Yedi Güzel Adam nasıl başladı?

Haberin Devamı

Şairler memleketi Kahramanmaraş’ın meşhur Kara Lisesi dizi oldu. Yapımını Pusula Film’in, yapımcılığını İlksen Fırat ve Ömer Can’ın, yönetmenliğini Levent Demirkale’nin üstlendiği Yedi Güzel Adam cumartesi akşamı ilk bölümüyle TRT 1’de ekrana geldi. Ancak cuma akşamı TRT 1 Tepebaşı stüdyolarında diziye bir gala yapıldı. Kültür ve Turizm Bakanı Ömer Çelik’in de katıldığı galada 20 dakikalık özel bir gösterim yapıldı. Protokol, Kahramanmaraş Lisesi’nde okuyan şairler Erdem Beyazıt, Cahit Zarifoğlu, Rasim Özdenören, Sezai Karakoç, Nuri Pakdil, Alaaddin Özdenören ve Mehmet Akif İnan’ın hayatının anlatıldığı Yedi Güzel Adam projesinin önemine vurguda bulundu. Projenin doğuş hikâyesini ise Kahramanmaraş milletvekili Sevde Beyazıt Kaçar anlattı. Soyadından da anlaşılacağı gibi Sevde Beyazıt, şair Erdem Beyazıt’ın kızı. Bu projeyi babasına ve amca diyebildiği büyük şairlere bir vefa olarak gördüğünü söyledi. TRT Genel Müdürü İbrahim Şahin, Yedi Güzel Adam dizisinin bu şairleri tanıtacağına ve kamusal fayda taşıdığına değindi.

Şiir dinletisine dönüştü

Açıkçası 20 dakikalık özel gösterim beni pek tatmin etmedi.
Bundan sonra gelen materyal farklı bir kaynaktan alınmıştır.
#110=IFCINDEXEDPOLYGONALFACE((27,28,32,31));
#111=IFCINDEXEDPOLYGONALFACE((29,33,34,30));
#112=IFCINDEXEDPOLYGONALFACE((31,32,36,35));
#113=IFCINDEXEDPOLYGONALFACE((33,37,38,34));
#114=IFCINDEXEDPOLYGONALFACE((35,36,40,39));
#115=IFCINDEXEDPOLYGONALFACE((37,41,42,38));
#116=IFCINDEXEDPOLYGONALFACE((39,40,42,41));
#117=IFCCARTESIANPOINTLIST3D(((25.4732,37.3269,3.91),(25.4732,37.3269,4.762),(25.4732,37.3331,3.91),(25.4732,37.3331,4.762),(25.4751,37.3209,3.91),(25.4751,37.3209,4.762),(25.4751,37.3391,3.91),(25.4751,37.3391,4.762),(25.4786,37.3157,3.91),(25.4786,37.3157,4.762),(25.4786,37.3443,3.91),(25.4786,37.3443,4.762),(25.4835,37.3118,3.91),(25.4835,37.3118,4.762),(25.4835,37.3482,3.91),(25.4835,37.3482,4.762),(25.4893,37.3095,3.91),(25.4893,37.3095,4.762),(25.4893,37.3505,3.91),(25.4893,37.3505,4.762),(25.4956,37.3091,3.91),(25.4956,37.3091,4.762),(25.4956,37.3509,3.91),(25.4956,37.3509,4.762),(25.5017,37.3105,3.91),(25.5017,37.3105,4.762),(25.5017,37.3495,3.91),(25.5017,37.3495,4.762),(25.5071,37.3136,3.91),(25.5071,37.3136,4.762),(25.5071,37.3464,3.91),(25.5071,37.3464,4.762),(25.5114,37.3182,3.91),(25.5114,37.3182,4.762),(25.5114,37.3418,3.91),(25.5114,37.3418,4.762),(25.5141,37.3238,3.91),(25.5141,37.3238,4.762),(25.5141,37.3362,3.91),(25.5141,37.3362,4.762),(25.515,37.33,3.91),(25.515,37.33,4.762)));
O nedenle cumartesi akşamı ekran karşısındaki yerimi aldım. Senaryosunu Şilan Avcı’nın yazdığı Yedi Güzel Adam’ı izlerken üzüldüm. Çünkü bu hikâye çok daha akıcı bir dille anlatılabilirmiş. Senaryonun didaktikliği, rejinin ve oyuncuların ise bu büyük şairler altında ezildiğini gördüm. Kabul ediyorum, çok zor bir proje… Yedi insanı, yedi şairi, yedi dostu ve yedi hüznü bir dizide anlatmak kolay değil. Ama hikâyenin sıkıştığı yerde bir şiir okutmak işin kolayına kaçmak olmuş. Dizi olmaktan çıkıp çoğu yerde bir şiir dinletisine dönüşmüş. Oysa bu proje sıkıcı olmadan bir dramaya dönüştürülebilirmiş. Oyunculara gelirsek, hikâye Erdem Beyazıt’ın gözünden anlatılıyor. O nedenle başrolü Uraz Kaygılaroğlu üstleniyor. Son iki yılda ciddi bir talep yaşıyor Kaygılaroğlu. Pis Yedili’den ayrılmak ona yaradı. Diziler ve yarışma programları derken başrolü de üstlendi. Yer yer oyunu büyüse de Erdem Beyazıt’ın gençliğini taşımış. Baran Akbulut, Cahit Zarifoğlu olarak karşımıza çıktı. Akbulut’un oyunu fazla büyüktü. Demirkale’nin yanlış bir motivasyon üzerinden gittiğini düşünüyorum. Yıldız Çağrı Atiksoy’u Zehra olarak izledik ama 1958-1974 geçişleri arasında ne olduğunu anlayamadık. Senaryo Zehra’yı anlamamızı engelledi. İlker Kızmaz, Zehra’ya âşık Kenan öğretmen olduğuna bizi inandırdı.

Dizi 44’üncü oldu

Dizide iki şeyi çok beğendim. İlki, kambur Emine’ye hayat veren Pınar Gök. Duruşundan ruh haline tamamen kusurlu bir karakteri bize çok iyi yansıttı. Tebrikler… İkincisi müzik. Belki de 2 saatlik didaktik anlatıma sıkılmadan ve kanal değiştirmeden dayanıp beni ekran karşısında tutan şey Engin Bayrak imzalı müziklerdi. Yedi Güzel Adam, Tüm Kişiler’de 1.24 reytingle 44’üncü, AB’de 1.52’yle 33’üncü oldu. Daha iyisi olabilirdi. Bu senaryoya acil bir müdahale lazım. Şairlerimizin gençliğine, şiirle nasıl tanıştıklarına yolculuk edersek bu hikâyenin içine girebiliriz. Rejiye de birkaç lafım olacaktı. Ancak yönetmen değişikliğine gittiklerini öğrendim. Yedi Güzel Adam’ı artık Levent Demirkale değil, Adnan Güler yönetecek. Fikir güzel ama zor. Umarım sorunları düzeltip, TRT genel müdürü İbrahim Şahin’in söylediği gibi kamusal fayda taşıyan bu projeyi geniş kitlelere ulaştıracak hamleleri gerçekleşirler. Herkesin emeğine sağlık.